Contributed by Dr. Thomas D. Simpson, Executive in Residence at the UNCW Cameron School of Business. Dr. Simpson joined the Department of Economics & Finance after his retirement from the Board of Governors of the Federal Reserve System in Washington, DC.
According to public opinion polls, after a forty-year hiatus, inflation has returned as the top concern facing our nation. The chart below shows the most widely known measure of inflation—the Consumer Price Index (CPI). The blue line shows headline CPI inflation, and the red line shows headline inflation after removing volatile food and energy prices—so-called core inflation. Headline inflation rose to 8.5 percent over the twelve months ending in March, the highest in forty years. Not surprisingly, this increase was paced by energy prices, as you observed from filling up your car. Even after removing food and energy prices, core prices rose 6.5 percent, also the highest in forty years. It is noteworthy that forty years ago the country was enduring the worst recession of the postwar period (to that time)—which was the cost that had to be paid to bring inflation under control.
The term inflation refers to a sustained increase in the average price of the goods and services that we buy. There are two primary indexes that measure consumer prices, the CPI (mentioned above) and the Personal Consumption Expenditures (PCE) index. The PCE index is favored by the Federal Reserve (Fed) and many analysts because it is thought to be a more accurate measure of the change in the cost of living. The Fed has set a target for the PCE index of 2 percent, and that target has been seriously breached over the past year.
Inflation is caused by too much aggregate demand in relation to aggregate supply. Our current bout of inflation can be traced to the COVID shock in early 2020. At the onset of the lockdown, both demand and supply plunged, total output collapsed, and many prices fell. Once conditions began to stabilize, demand snapped back more sharply than supply. The rebound in demand was aided by a dramatic shift in Fed monetary policy—that took short-term interest rates down to near zero—and that was supplemented by massive purchases of Treasury and other securities, and by an unprecedented surge in federal spending (exceeding $5 trillion) aimed at COVID relief. With demand outstripping supply, business inventories were drawn down—shelves became bare—and prices began to turn up. Some of the restraints on supply have come from supply chain disruptions—notably of microchips—and a reluctance of workers to return to the workforce because of the pandemic. The continued substantial excess of demand over supply has led to faster inflation.
Previous experience has shown that once inflation has persisted this long, it gains a momentum that is hard to break. Businesses transition from viewing price changes as indicators of movements in relative scarcity to indicators of broader-based inflation, and these businesses change their pricing strategy to raise their prices frequently to protect against anticipated losses of the purchasing power of their dollar receipts. Similarly, workers seek increases in compensation that cover the loss of purchasing power that they face. For most workers, their compensation will in time adjust upward to the higher rate of inflation, but those in lower-income brackets typically lag behind. Similarly, prices of real estate and stocks will rise in line with underlying inflation after a period of adjustment to higher underlying inflation.

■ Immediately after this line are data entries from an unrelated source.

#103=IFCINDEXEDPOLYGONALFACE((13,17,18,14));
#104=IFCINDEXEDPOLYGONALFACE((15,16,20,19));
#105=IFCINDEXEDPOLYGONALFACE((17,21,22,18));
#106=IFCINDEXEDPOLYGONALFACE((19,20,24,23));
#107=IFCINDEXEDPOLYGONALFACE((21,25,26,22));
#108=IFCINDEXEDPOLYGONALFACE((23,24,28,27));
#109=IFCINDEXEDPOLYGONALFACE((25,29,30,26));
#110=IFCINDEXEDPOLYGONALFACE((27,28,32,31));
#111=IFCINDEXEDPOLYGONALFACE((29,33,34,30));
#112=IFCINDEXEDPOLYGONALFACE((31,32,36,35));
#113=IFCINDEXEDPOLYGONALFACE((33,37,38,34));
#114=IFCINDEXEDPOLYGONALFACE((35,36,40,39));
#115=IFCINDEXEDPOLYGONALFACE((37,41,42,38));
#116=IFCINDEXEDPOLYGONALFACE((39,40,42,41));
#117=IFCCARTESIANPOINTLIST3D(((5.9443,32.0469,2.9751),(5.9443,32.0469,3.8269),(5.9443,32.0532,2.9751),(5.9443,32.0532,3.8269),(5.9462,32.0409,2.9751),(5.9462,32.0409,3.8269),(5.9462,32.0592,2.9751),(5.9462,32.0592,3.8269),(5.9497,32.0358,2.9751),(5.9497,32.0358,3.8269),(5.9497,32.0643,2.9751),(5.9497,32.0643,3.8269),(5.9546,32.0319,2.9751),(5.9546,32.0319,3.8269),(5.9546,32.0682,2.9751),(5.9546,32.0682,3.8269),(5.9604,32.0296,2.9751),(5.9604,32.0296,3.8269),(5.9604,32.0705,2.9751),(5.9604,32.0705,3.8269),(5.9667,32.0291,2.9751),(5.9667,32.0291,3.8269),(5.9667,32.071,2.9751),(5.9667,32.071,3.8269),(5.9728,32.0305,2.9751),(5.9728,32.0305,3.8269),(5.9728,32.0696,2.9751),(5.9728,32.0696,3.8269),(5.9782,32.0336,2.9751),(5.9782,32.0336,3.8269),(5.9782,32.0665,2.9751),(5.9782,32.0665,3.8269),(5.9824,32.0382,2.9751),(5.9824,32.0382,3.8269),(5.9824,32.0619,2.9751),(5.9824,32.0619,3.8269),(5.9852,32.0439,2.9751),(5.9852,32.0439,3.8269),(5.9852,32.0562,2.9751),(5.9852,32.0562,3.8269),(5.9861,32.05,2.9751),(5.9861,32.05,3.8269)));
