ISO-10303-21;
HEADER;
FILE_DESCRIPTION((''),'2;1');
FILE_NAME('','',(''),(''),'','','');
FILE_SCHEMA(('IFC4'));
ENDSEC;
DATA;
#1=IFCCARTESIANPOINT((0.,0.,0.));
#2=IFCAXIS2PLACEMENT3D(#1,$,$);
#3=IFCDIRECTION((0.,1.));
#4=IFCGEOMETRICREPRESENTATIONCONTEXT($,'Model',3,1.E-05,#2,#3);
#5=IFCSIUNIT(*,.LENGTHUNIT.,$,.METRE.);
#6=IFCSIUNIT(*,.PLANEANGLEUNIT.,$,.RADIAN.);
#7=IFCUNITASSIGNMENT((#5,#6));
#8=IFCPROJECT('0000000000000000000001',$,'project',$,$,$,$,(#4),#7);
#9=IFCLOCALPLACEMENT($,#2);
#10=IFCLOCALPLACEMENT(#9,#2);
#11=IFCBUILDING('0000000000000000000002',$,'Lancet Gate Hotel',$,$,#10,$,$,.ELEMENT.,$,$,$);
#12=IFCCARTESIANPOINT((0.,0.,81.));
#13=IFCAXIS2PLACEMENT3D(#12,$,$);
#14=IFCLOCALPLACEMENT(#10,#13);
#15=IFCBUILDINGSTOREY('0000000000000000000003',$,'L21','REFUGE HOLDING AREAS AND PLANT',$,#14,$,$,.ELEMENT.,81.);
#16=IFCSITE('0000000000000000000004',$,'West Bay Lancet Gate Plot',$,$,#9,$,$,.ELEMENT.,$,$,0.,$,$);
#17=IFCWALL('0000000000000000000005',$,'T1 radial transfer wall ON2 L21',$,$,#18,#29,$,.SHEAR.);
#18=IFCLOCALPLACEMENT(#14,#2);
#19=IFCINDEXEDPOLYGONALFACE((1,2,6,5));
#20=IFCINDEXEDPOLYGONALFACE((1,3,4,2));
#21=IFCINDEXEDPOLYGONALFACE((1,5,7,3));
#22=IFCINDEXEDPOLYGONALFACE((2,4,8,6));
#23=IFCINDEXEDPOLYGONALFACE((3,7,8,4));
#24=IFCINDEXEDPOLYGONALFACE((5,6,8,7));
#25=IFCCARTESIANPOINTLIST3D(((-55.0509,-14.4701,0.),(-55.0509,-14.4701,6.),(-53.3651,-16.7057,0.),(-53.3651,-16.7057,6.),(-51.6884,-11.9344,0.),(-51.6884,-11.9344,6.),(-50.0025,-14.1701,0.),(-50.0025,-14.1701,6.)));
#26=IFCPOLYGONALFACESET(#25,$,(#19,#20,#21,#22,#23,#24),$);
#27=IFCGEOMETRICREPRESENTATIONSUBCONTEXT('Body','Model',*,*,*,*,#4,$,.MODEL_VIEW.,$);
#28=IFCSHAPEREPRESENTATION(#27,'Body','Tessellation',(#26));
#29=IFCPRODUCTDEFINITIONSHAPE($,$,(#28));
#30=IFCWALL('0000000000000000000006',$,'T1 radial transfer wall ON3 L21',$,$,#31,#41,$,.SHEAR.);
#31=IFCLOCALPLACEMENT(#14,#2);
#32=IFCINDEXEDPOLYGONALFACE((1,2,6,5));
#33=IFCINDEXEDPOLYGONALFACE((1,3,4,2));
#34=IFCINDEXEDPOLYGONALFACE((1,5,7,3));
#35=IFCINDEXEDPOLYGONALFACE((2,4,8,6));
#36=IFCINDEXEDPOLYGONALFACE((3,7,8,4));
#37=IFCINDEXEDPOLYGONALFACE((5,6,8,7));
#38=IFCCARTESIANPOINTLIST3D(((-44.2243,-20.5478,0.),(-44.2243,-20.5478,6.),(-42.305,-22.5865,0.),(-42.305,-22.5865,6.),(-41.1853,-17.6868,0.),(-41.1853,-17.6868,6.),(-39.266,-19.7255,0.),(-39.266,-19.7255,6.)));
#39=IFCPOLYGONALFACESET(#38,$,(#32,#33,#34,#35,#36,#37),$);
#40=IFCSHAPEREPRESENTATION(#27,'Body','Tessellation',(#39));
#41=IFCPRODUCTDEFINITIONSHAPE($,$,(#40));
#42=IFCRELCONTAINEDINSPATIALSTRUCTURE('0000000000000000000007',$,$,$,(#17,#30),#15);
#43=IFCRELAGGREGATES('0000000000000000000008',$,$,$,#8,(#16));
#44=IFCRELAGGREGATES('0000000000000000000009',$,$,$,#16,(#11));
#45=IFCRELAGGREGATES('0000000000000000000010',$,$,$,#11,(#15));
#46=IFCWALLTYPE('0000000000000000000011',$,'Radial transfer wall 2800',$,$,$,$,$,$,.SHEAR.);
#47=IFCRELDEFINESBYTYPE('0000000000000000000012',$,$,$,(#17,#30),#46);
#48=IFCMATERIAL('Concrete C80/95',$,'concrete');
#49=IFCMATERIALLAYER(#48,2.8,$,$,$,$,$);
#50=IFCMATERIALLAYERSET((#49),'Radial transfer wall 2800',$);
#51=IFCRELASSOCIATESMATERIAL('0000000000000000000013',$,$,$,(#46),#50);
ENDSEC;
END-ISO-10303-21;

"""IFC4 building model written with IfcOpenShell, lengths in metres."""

from ifc_helpers import new_model, si_unit, direction, frame, frame_2d, origin, place, context, subcontext, project, spatial, rectangle, extrude, material, layer, layer_set, type_object, element, save


model = new_model("IFC4")

# Units and contexts
model_context = context("Model", 3, precision=1e-05, world=origin(), true_north=direction((0.0, 1.0)))
body_context = subcontext(model_context, "Body", "Model", "MODEL_VIEW")
ifc_project = project(units=[si_unit("LENGTHUNIT", "METRE"), si_unit("PLANEANGLEUNIT", "RADIAN")], contexts=[model_context])

# Site, building, storey
site_placement = place(None, origin())
site = spatial("IfcSite", under=ifc_project, at=site_placement, Name="West Bay Lancet Gate Plot", CompositionType="ELEMENT", RefElevation=0.0)
building_placement = place(site_placement, origin())
building = spatial("IfcBuilding", under=site, at=building_placement, Name="Lancet Gate Hotel", CompositionType="ELEMENT")
storey_placement = place(building_placement, frame((0.0, 0.0, 81.0)))
storey = spatial("IfcBuildingStorey", under=building, at=storey_placement, Name="L21", Description="REFUGE HOLDING AREAS AND PLANT", CompositionType="ELEMENT", Elevation=81.0)

# Walls
ifc_material_1 = material(Name="Concrete C80/95", Category="concrete")
ifc_layer_1 = layer(ifc_material_1, 2.8)
ifc_layer_set_1 = layer_set([ifc_layer_1], Name="Radial transfer wall 2800")
wall_type_1 = type_object("IfcWallType", Name="Radial transfer wall 2800", PredefinedType="SHEAR", material=ifc_layer_set_1)
wall_1_placement = place(storey_placement, frame((-54.208, -15.5879, 0.0), z_axis=(0.0, 0.0, 1.0), x_axis=(0.798432, 0.602085, 0.0)))
element("IfcWall", 1, at=wall_1_placement, inside=storey, type_object=wall_type_1, Name="T1 radial transfer wall ON2 L21", PredefinedType="SHEAR", context=body_context, shape_type="SweptSolid", body=[
    extrude(rectangle(XDim=4.2114, YDim=2.8, at=frame_2d((2.1057, 0.0))), origin(), (0.0, 0.0, 1.0), 6.0),
])
wall_2_placement = place(storey_placement, frame((-43.2646, -21.5671, 0.0), z_axis=(0.0, 0.0, 1.0), x_axis=(0.728106, 0.685465, 0.0)))
element("IfcWall", 2, at=wall_2_placement, inside=storey, type_object=wall_type_1, Name="T1 radial transfer wall ON3 L21", PredefinedType="SHEAR", context=body_context, shape_type="SweptSolid", body=[
    extrude(rectangle(XDim=4.1738, YDim=2.8, at=frame_2d((2.0869, 0.0))), origin(), (0.0, 0.0, 1.0), 6.0),
])

save(model, "model.ifc")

The task of bringing inflation under control falls on the Fed as it has in the past. The Fed will need to raise short-term interest rates a good bit before we see inflation on a distinct downward trajectory. To some degree, inflation relief will come from an easing of supply-chain disruptions and a return of idled workers to the labor force. But those factors will not be nearly enough. Interest rates will need to rise above the underlying rate of inflation to curb demand by enough to stop inflation momentum. The burden of these rate increases will fall heavily on the housing and other interest-sensitive sectors. As often in the past, this tightening of monetary policy may well push our economy into recession. The longer the Fed acts cautiously in limiting necessary increases in interest rates, the greater the odds of a painful recession.